Is this a good choice for pure o2 aeration? More Beer OxyWand

Would that work well with a Home Depot 1.4 Disposable o2 tank?

Run it for 30 seconds or so?
 
Those will work. It was my first unit. I ran it about a min at the low end of pressure.

Your thermometer will do the job as well!

Cheers!

I will run it for one min or so. Any danger running pure o2 in my indoor basement setup? I'm all electric so there is no flame from my brewery but I do have a gas furnace with a pilot flame about 25 feet away. I have a strong hood vent so I should be ok?
 
If you pointed the tip right into the furnace it would make the flame burn hotter otherwise not a real danger.
 
OK - Everything is making sense now. My MT Blickman Brewmometer is running a full 9 degrees cold. When I thought I was holding at 152F I was actually mashing at 161F. No wonder my FG is staying so high. I tested all of my thermometers with a digital prob back when I got my set up about five years ago or so. I brew about once a month and started having problems with my FG about four or five batches ago. The Thermometer must have been going slowly bad over the last six months or so.
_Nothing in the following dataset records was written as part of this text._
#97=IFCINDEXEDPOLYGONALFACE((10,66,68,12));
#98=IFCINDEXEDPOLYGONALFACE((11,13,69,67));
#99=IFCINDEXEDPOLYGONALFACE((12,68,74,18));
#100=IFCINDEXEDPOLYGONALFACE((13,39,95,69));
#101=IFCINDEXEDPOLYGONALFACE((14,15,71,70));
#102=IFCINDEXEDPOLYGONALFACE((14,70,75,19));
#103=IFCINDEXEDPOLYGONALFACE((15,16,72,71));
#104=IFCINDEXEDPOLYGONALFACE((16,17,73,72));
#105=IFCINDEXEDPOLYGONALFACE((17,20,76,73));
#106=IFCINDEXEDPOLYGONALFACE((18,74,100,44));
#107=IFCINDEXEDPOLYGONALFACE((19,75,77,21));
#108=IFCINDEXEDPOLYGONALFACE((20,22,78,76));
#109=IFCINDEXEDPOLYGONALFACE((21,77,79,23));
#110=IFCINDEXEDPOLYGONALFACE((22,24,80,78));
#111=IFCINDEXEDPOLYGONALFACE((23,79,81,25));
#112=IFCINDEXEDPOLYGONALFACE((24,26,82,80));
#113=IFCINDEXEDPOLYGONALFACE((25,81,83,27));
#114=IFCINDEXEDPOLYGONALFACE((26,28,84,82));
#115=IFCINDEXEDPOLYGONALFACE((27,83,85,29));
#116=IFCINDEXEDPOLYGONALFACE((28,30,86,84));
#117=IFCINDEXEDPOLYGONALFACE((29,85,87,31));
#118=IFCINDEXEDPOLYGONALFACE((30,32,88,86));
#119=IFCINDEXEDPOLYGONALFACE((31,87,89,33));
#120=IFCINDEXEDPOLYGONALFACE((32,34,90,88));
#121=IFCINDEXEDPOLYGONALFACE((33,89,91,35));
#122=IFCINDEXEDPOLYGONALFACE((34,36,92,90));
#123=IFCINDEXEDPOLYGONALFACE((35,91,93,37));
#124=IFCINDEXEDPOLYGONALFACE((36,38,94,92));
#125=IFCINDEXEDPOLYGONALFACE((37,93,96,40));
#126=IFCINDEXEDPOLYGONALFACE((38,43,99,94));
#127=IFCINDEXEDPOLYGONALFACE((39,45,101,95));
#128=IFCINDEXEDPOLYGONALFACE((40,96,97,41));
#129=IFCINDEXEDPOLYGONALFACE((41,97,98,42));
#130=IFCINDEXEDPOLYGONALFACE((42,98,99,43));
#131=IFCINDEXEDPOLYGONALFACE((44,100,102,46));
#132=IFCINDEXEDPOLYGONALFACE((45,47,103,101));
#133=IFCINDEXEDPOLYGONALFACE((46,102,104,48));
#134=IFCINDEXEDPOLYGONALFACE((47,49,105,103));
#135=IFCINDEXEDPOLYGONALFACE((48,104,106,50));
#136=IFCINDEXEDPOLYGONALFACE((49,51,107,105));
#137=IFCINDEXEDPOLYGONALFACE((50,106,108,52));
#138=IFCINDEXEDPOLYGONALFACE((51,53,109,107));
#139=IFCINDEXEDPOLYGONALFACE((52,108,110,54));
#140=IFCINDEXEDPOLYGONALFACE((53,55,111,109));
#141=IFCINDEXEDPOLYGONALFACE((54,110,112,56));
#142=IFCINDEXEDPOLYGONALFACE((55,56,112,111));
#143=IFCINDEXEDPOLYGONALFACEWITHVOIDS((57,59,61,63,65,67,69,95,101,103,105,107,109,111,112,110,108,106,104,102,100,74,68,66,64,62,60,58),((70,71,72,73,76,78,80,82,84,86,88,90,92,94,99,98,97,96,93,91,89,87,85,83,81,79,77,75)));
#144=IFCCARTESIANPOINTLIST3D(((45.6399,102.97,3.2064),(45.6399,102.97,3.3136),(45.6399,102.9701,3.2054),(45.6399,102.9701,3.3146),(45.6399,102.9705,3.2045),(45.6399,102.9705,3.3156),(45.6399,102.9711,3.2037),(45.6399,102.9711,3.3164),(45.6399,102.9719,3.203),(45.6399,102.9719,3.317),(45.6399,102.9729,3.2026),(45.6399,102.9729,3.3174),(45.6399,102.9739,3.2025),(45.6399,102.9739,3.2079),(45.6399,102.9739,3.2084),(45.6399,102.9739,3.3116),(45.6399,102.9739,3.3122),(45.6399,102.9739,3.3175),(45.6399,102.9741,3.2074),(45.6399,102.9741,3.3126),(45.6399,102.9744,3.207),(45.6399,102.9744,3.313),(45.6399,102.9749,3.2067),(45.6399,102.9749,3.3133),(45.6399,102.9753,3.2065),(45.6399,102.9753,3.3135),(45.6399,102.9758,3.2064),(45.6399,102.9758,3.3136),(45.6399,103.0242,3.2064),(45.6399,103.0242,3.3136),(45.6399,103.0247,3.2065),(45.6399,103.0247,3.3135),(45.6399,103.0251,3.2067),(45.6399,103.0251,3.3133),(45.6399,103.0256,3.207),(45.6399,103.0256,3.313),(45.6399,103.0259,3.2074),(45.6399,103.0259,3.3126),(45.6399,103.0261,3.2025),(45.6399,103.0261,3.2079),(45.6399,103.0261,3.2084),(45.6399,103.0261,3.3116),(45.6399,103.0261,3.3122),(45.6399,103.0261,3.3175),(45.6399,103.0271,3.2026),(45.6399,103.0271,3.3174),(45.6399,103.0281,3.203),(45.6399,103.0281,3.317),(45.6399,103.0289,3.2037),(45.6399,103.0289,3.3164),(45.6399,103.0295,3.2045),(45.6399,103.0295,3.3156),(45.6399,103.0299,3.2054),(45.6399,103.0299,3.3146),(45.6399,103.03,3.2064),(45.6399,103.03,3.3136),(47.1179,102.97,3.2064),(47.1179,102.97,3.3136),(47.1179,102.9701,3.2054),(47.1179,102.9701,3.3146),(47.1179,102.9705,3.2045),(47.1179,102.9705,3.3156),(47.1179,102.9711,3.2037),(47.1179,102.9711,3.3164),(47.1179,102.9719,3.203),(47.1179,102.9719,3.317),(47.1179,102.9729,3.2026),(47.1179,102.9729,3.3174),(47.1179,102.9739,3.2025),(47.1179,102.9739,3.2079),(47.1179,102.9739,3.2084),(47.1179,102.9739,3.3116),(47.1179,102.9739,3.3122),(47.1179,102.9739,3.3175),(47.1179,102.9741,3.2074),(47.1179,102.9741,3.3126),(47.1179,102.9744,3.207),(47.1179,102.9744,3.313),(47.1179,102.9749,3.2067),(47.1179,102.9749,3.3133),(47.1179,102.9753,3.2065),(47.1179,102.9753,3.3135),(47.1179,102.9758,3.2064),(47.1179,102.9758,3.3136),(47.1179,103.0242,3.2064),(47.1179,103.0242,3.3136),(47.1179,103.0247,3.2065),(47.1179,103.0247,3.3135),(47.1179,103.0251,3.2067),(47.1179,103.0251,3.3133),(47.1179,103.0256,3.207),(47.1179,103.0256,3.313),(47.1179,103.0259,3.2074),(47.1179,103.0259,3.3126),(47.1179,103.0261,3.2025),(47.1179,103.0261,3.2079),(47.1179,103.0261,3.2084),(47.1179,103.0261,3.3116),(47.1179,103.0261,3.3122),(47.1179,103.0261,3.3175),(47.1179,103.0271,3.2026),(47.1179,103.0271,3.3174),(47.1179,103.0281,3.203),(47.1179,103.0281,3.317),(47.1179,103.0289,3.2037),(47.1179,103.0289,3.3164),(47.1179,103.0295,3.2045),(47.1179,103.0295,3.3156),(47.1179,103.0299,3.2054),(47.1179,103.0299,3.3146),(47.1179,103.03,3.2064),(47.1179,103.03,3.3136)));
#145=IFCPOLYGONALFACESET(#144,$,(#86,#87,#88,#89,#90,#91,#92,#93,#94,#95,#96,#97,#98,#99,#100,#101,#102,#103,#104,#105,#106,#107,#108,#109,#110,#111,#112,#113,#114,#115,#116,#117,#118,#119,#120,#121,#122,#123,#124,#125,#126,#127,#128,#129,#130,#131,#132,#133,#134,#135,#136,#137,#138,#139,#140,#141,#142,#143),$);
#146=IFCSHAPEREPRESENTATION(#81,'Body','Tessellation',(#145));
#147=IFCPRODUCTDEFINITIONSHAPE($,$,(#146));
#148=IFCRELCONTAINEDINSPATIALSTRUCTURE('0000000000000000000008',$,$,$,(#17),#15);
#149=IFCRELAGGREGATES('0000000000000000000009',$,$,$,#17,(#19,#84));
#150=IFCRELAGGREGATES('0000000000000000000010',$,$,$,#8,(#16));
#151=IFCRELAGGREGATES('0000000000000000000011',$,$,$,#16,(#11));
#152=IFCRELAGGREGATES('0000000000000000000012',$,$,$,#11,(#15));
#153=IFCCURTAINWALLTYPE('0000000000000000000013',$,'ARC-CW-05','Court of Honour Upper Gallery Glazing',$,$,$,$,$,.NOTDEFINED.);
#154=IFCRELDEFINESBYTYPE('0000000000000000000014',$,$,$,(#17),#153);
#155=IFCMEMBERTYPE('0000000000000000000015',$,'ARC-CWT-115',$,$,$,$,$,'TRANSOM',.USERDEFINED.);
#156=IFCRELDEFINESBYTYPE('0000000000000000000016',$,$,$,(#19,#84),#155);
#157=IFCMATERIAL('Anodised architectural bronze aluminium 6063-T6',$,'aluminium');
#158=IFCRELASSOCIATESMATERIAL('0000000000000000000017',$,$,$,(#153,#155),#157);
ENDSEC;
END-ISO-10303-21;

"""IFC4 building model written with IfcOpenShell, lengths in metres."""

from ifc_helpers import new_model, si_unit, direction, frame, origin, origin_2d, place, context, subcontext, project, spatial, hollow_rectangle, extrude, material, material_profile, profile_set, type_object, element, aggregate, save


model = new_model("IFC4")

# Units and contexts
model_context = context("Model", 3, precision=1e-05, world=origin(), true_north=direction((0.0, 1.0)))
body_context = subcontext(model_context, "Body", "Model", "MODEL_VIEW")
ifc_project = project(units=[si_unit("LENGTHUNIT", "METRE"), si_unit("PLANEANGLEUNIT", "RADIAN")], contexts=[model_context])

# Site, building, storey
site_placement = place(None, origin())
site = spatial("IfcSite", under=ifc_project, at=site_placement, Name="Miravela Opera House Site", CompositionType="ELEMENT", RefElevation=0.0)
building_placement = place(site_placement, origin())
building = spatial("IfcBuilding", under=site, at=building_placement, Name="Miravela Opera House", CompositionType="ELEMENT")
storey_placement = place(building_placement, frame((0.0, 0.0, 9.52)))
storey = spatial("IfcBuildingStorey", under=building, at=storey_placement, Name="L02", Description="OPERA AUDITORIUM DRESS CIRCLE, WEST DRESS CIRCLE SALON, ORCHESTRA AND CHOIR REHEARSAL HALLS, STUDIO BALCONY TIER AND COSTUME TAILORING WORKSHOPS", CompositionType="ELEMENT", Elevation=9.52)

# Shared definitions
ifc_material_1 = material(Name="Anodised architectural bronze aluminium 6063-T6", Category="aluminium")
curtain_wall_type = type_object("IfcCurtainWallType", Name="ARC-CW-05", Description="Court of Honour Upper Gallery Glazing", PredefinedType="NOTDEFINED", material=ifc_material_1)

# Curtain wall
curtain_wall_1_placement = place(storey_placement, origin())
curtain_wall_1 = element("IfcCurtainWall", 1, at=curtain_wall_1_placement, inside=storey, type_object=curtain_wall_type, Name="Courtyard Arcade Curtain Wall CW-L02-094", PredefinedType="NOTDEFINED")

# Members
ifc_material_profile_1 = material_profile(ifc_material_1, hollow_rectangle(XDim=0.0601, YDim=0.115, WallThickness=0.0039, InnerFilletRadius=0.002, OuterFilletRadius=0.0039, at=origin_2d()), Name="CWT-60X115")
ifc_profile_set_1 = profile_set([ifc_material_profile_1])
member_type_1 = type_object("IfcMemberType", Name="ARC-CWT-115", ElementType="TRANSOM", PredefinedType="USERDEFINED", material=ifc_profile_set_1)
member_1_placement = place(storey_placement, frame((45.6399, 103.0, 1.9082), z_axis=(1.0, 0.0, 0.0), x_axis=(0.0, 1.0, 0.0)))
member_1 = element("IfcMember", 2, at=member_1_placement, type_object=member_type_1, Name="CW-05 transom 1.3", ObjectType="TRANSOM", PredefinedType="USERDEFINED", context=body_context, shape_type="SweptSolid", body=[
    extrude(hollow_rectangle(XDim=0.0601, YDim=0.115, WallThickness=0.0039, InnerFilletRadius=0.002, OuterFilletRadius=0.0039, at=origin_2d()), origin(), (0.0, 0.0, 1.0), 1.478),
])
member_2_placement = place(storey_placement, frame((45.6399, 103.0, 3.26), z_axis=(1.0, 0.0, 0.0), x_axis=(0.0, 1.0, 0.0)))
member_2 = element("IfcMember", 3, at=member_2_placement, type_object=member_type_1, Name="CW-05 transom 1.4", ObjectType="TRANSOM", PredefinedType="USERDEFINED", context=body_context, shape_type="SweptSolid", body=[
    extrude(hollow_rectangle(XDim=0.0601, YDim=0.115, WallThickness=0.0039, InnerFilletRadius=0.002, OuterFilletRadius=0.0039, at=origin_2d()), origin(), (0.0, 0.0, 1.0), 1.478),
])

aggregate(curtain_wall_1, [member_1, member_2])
I just made a Sam Adams Clone and was able to hold the mash at the correct temp. I also opened the gap in my grain mill from 0.03" to 0.045" per Kal's recommendation. I have been typically hitting a brew house efficiency of 88% with lager gain bills coming in a little lower. When my thermometer was broken it dropped a little. With the correct temps and the more coarse grain crush, I just hit a 94.8% efficiency on the Sam Adams clone. :rockin: Kal knows what he is doing!

I am going to throw my Blickman Brewmometer in the trash and replace it with a Thermowell and a Inkbird Controller. I am using a 3500 Watt Induction Burner that runs on 220 and will not work on the controller. Instead I will run the HERMS pump on the controller as a safety in case my HLT temps get too high the pump will kick off and the mash temps will no longer rise.

Thanks for everyone's help with this.
 
Last edited by a moderator:
Doesn't the Blichman brewmometer have an nut to adjust it's set point?

Yes - but it seem to be off more at higher temps, for example, at room temp, its off by about 5 degrees but at around 150F its off by about 9 degrees. Chucking it is a cheap fix. I do like the brew markings but I like having an accurate thermometer a lot more.